“Remember to take your vitamins!” This colloquial phrase is commonly used to encourage multivitamin use. Beyond preventing neural tube defects, there may be a new reason to make sure pregnant people get their daily dose of folate. Brian Krum, MSc, presented the abstract “Metabolic Programming of Hematopoietic Stem Cell Function by Prenatal Folate” yesterday at the Plenary Scientific Session. Mr. Krum is a graduate student in the lab of Anna Beaudin, PhD, at the University of Utah, Division of Hematology, and Huntsman Cancer Institute. Dr. Beaudin has had an interest in stem cell biology since early in her career. “Hematopoietic stem cell biology is the ‘ultimate’ stem cell system because it's still the only stem cell that you can isolate to single-cell purity and use to reconstitute an entire organ system,” she said. “I always found that to be absolutely fascinating.”
The superb presentation described the team’s work in understanding the impact of prenatal folate status on metabolic changes and hematopoietic stem cell function. They varied folate consumption to study the effects of prenatal folate deficiency and supplementation compared to controls. They found variations in fetal liver stem cell output that appeared to be driven by metabolic changes related to prenatal folate intake. Through a series of experiments in their murine model, Mr. Krum and colleagues demonstrated that adult hematopoietic stem cell output is influenced by prenatal folate exposure, with folate-supplemented offspring having increased hematopoietic progenitors and mature cells and improved engraftment in transplantation studies compared to folate-deficient offspring. They also demonstrated distinct clustering in single-cell RNA sequencing of hematopoietic stem cells from folate-deficient and folate-supplemented offspring compared to control. There were also signs of mitochondrial dysfunction on metabolomic profiling that was present in folate deficient offspring’s hematopoietic stem cells and later stage lymphoid-biased multipotent progenitors, indicating that metabolic pathways are involved in hematopoiesis in a folate-deficient model. These changes were not seen in folate-supplemented mice. The authors conclude that this indicates hematopoietic stem cell metabolic programming is dependent on the dose of fetal folate exposure and that this effect on hematopoietic stem cell function persists into adulthood.
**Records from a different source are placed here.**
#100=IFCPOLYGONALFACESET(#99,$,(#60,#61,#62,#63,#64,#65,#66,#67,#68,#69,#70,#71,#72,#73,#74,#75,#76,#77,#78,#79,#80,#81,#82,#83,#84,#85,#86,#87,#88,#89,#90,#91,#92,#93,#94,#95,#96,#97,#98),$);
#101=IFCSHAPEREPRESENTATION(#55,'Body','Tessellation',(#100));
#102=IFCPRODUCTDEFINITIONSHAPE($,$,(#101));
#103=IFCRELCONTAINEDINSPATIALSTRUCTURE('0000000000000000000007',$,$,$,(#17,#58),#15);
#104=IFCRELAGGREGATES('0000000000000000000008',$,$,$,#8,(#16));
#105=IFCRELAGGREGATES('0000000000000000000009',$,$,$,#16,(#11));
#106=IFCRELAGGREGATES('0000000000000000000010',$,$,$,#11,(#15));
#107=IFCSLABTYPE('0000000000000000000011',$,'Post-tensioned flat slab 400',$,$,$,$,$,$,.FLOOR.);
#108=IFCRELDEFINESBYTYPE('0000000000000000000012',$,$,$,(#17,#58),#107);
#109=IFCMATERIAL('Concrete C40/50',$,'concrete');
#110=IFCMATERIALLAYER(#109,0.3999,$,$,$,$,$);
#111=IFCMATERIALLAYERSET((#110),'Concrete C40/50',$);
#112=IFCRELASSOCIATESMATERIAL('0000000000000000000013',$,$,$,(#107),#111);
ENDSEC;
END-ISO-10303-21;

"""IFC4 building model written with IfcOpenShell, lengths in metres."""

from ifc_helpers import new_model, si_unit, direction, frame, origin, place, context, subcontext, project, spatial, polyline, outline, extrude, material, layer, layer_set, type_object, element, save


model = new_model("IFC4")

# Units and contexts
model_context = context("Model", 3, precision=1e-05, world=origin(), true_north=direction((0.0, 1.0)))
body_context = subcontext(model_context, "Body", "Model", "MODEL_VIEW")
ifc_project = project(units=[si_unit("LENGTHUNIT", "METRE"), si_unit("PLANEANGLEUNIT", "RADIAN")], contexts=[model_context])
The work of Mr. Krum and colleagues demonstrates a new role for folate in hematopoiesis, with ongoing effects on hematopoietic stem cells into adulthood. These findings may help unravel some of the mysteries around metabolic programming in hematopoiesis. The team is interested in understanding the implications of this work on cancer risk and improving cancer treatments. Dr. Beaudin acknowledged her collaborators: “Brian and I are lucky to be able to partner with great people to support the questions we want to address and constantly learn from others. That's the joy of doing science.”